GIORDANO, HALLERAN & CIESLA, P.C.
A PROFESSIONAL CORPORATION
ATTORNEYS AT LAW
WWW.GHCLAW.COM
Please Reply To:
125 HALF MILE ROAD
SUITE 300
RED BANK, NJ 07701
(732) 741-3900
FAX: (732) 224-6599
March 23, 2026
MobbQuest Inc.
39 Wyandotte Avenue
Oceanport, NJ 07757
Ladies and Gentlemen:
We refer to the Registration Statement on Form S-1 (the “Registration Statement”) filed by MobbQuest Inc., a Wyoming corporation (the “Company”) under the Securities Act of 1933, as amended (the “Act”) with the Securities and Exchange Commission for the registration of 649,159,070 shares (the “Shares”) of the Company’s common stock, $.0001 par value per share (the “Common Stock”), which are proposed to be offered and sold by the Selling Stockholders identified in the Registration Statement.
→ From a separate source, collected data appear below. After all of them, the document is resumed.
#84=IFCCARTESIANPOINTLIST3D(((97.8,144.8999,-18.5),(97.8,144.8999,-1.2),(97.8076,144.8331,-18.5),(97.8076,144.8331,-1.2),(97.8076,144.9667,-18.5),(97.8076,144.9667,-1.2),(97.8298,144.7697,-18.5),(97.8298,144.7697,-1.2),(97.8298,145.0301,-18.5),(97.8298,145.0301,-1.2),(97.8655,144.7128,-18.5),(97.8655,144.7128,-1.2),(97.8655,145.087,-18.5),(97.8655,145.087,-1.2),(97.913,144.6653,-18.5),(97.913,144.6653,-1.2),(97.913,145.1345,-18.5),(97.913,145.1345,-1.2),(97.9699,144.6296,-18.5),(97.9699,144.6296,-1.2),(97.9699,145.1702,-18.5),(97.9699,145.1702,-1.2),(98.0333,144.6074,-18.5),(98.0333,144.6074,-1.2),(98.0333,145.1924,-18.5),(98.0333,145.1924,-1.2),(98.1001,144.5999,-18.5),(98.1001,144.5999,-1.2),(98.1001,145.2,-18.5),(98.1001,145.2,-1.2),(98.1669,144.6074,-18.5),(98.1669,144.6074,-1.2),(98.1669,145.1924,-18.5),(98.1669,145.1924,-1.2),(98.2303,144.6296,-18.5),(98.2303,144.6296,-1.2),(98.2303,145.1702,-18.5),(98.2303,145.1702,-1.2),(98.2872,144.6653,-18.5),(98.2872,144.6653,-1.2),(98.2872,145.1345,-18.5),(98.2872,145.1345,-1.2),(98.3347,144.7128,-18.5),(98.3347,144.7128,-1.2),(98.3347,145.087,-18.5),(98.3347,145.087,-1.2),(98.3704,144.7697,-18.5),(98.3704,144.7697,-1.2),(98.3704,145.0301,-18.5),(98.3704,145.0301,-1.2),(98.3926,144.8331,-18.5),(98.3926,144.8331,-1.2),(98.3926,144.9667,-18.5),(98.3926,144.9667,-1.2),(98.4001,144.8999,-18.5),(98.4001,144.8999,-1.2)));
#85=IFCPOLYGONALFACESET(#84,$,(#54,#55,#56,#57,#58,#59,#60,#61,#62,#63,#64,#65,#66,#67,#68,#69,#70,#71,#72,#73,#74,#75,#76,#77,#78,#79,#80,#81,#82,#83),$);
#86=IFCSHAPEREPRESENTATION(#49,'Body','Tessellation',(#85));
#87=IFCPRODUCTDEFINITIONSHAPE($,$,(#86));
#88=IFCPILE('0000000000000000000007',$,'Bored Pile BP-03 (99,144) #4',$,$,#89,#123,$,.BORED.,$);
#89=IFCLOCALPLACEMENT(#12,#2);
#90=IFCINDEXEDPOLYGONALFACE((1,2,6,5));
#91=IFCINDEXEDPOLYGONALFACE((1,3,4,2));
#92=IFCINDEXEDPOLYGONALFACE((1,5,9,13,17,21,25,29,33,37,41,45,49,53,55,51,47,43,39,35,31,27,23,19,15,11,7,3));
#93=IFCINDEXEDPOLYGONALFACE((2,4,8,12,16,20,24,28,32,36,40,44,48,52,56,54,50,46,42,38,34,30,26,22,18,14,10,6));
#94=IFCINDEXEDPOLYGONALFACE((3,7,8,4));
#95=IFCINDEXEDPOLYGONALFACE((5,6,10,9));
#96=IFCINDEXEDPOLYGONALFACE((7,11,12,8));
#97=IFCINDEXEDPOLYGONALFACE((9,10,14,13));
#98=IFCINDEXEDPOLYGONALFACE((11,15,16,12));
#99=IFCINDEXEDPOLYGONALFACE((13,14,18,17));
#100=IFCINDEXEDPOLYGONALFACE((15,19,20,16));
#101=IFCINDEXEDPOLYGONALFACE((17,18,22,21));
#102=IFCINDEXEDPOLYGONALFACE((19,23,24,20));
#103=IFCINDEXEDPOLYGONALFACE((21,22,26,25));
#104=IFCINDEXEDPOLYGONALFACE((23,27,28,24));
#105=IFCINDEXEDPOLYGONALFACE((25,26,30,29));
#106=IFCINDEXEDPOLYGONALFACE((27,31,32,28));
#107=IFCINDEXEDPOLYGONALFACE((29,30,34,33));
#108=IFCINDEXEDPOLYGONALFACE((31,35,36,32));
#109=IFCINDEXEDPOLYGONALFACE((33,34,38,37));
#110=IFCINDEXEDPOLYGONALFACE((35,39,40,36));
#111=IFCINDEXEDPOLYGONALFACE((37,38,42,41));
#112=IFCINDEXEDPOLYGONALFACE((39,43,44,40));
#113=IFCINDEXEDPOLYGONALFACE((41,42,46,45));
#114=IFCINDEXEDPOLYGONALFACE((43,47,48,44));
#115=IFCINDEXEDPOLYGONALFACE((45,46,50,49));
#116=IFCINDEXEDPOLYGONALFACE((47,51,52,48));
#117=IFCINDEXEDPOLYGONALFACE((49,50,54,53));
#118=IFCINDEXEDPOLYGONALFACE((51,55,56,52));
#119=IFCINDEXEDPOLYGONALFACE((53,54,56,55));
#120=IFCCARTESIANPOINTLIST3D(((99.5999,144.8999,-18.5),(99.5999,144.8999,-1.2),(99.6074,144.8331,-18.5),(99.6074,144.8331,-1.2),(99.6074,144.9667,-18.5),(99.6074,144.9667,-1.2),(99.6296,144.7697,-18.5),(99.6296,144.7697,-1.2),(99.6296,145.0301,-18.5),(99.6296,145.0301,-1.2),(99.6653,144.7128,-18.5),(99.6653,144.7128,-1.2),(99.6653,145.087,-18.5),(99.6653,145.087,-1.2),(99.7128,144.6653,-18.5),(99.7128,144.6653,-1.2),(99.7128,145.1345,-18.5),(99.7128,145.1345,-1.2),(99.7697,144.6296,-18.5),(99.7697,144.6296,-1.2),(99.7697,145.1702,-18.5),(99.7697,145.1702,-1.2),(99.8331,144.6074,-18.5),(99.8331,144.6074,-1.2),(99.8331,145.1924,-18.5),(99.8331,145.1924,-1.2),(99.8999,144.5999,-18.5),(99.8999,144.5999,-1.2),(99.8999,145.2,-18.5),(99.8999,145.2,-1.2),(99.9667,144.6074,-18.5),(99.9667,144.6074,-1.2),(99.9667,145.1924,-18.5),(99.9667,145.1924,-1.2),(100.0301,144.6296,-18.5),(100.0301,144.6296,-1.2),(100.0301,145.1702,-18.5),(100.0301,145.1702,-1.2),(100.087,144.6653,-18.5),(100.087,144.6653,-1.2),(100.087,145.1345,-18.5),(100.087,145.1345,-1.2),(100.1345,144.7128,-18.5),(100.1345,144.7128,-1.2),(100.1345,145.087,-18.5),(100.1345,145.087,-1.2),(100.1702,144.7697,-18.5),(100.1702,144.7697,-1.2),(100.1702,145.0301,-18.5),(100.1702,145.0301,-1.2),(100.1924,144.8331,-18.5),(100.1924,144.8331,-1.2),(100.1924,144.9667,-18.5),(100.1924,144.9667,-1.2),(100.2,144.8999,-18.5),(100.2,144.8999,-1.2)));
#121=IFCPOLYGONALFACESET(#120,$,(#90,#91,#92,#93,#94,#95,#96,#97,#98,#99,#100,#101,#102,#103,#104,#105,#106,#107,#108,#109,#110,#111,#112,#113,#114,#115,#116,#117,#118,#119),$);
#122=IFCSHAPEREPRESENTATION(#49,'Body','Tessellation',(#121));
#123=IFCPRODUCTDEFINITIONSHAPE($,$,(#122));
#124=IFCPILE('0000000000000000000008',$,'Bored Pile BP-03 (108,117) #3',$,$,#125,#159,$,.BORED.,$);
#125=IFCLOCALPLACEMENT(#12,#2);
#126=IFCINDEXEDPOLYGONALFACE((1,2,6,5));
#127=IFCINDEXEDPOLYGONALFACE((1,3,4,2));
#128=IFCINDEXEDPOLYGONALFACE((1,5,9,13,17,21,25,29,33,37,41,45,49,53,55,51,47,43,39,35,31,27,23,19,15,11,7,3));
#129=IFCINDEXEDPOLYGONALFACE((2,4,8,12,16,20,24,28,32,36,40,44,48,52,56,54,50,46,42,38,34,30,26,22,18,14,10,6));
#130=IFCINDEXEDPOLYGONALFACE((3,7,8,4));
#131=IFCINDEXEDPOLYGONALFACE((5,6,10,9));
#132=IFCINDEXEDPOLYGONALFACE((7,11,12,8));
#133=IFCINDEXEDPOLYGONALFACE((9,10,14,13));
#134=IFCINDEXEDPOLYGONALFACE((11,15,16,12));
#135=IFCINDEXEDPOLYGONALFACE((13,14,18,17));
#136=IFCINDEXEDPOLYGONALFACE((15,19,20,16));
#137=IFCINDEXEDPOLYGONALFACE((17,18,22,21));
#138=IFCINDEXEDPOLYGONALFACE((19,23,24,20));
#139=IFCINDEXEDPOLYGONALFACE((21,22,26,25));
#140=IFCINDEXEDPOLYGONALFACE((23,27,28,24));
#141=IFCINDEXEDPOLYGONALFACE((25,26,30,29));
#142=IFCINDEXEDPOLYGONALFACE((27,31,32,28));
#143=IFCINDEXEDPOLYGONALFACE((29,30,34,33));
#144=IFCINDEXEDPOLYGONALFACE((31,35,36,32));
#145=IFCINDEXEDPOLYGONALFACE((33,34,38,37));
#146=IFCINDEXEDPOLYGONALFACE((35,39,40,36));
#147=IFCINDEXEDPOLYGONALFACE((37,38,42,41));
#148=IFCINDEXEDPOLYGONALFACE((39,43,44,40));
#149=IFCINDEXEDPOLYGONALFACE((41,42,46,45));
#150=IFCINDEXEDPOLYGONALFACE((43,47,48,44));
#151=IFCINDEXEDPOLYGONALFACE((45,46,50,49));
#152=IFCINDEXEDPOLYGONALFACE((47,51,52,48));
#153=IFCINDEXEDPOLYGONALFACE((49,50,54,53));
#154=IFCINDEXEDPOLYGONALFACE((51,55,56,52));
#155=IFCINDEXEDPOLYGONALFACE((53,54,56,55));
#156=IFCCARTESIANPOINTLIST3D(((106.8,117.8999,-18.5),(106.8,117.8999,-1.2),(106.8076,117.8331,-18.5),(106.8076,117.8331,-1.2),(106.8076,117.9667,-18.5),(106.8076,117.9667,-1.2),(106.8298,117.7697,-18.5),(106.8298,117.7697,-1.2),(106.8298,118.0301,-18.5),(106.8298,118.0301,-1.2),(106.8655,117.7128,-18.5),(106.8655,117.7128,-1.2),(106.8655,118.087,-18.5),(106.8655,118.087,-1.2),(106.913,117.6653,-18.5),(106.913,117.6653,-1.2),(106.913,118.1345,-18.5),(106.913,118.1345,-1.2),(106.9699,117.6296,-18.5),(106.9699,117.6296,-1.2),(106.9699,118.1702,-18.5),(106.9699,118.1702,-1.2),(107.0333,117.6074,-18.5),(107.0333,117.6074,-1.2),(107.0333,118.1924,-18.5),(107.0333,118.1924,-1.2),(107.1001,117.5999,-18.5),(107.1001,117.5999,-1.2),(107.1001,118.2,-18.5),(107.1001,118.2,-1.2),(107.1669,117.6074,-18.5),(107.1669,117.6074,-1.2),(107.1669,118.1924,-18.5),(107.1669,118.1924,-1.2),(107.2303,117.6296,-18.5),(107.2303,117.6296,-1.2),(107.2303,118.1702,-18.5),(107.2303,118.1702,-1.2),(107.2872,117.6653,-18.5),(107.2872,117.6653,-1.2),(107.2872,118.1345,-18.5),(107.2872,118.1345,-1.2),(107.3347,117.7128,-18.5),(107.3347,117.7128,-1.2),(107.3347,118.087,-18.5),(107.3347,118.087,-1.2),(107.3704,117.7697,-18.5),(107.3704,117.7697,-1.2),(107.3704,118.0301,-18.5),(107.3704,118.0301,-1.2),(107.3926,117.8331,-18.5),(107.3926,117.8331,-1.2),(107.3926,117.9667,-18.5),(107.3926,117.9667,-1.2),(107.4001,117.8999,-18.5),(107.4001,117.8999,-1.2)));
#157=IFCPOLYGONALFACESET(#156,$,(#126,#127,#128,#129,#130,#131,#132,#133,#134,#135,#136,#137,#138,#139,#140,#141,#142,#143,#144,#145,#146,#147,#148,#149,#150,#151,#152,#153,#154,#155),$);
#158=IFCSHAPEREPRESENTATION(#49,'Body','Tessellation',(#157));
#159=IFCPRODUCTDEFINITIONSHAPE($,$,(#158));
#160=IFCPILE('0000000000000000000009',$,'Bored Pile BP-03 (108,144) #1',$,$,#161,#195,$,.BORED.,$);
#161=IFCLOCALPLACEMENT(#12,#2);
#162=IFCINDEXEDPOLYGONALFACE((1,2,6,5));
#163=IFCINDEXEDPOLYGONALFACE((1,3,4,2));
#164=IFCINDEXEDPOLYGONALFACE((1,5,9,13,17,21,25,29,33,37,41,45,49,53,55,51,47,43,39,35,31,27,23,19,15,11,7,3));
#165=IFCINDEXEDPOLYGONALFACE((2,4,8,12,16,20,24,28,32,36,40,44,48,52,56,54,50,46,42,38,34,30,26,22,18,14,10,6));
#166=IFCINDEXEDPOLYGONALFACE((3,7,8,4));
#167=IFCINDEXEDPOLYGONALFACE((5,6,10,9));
We have examined the original, or a photostatic or certified copy, of such records and certificates of the Company, certificates of officers of the Company and of public officials and such other documents as we have deemed relevant and necessary as the basis for the opinion set forth below. In such examination, we have assumed the genuineness of all signatures, the authenticity of all documents submitted to us as originals, the conformity to original documents of all documents submitted to us as certified or photostatic copies, and the authenticity of the originals of such copies and the correctness of all statements of fact contained therein.
Based upon our examination mentioned above, subject to the assumptions stated and relying on statements of fact contained in the documents that we have examined, we are of the opinion that the Shares have been duly authorized and are validly issued, fully paid and non-assessable.
We consent to the filing of this opinion as an exhibit to the Registration Statement and to the reference to this firm appearing under the caption “Legal Matters” in the Prospectus that forms a part of the Registration Statement. In giving this consent, we do not thereby admit that we are within the category of persons whose consent is required under Section 7 of the Securities Act of 1933, as amended, or the General Rules and Regulations of the Securities and Exchange Commission.
Very truly yours,
/s/ Giordano, Halleran & Ciesla, P.C.